Balai Embrio Ternak (2011) melaporkan nutrisi yang baik saat pedet akan memberikan nilai positif saat lepas sapih, dara dan siap jadi bibit yang prima, sehingga produktivitas yang optimal dapat dicapai. Pedet yang lahir dalam kondisi sehat serta induk sehat disatukan dalam kandang bersama dengan induk dengan diberi sekat agar pergerakan pedet terbatas.
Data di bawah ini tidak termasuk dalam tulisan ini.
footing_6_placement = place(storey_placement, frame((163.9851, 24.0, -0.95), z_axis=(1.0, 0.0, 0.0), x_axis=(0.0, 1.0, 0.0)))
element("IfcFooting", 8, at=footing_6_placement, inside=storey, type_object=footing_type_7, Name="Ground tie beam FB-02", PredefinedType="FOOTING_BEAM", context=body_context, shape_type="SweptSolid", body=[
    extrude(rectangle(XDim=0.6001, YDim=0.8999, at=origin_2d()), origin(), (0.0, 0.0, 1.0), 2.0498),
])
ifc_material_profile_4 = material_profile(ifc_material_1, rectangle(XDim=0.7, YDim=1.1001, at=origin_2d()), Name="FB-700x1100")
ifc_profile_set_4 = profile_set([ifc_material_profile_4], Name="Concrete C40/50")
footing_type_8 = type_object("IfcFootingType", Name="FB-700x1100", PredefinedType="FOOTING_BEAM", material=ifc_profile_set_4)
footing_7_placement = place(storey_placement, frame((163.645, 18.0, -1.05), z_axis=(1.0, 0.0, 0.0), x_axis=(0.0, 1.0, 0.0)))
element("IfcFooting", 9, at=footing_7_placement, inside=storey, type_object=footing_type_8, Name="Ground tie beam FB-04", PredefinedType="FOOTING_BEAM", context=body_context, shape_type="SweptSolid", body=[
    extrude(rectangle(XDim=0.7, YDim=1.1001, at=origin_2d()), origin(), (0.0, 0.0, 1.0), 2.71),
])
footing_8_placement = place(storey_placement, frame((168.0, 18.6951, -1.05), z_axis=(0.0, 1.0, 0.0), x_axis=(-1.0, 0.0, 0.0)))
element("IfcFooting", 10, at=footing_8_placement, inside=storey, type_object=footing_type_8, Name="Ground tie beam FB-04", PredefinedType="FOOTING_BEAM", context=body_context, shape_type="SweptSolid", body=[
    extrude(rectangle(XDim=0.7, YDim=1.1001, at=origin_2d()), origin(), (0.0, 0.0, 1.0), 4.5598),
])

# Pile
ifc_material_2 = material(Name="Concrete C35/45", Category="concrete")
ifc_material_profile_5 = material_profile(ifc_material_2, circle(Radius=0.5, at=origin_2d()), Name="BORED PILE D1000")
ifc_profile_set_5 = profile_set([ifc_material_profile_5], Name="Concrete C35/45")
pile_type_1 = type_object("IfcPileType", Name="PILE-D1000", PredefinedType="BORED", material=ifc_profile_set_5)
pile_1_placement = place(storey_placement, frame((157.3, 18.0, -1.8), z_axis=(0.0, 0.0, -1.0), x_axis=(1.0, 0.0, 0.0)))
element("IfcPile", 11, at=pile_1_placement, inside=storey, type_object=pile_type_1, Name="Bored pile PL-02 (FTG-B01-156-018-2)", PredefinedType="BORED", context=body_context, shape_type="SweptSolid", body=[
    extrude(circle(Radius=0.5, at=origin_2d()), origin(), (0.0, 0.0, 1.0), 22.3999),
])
Praktik ini bertujuan agar pedet mendapat susu secara ad libitum, sehingga nutrisinya terpenuhi. Selain itu pedet dapat mulai mengenal pakan yang dikonsumsi induk yang kelak akan menjadi pakan hariannya pedet tersebut setelah lepas sapih atau juga melatih pedet agar perlahan-lahan bisa makan pakan pedet. Perlakuan ini haruslah dalam pengawasan yang baik sehingga dapat mengurangi kecelakaan baik pada pedet atau induk.

Pedet yang sakit, pedet dipisah dari induk dan dalam perawatan sampai sembuh sehingga pedet siap kembali disatukan dengan induk atau induk lain yang masih menyusui. Selama pedet dalam perawatan susu diberikan oleh petugas sesuai dengan umur dan berat badan.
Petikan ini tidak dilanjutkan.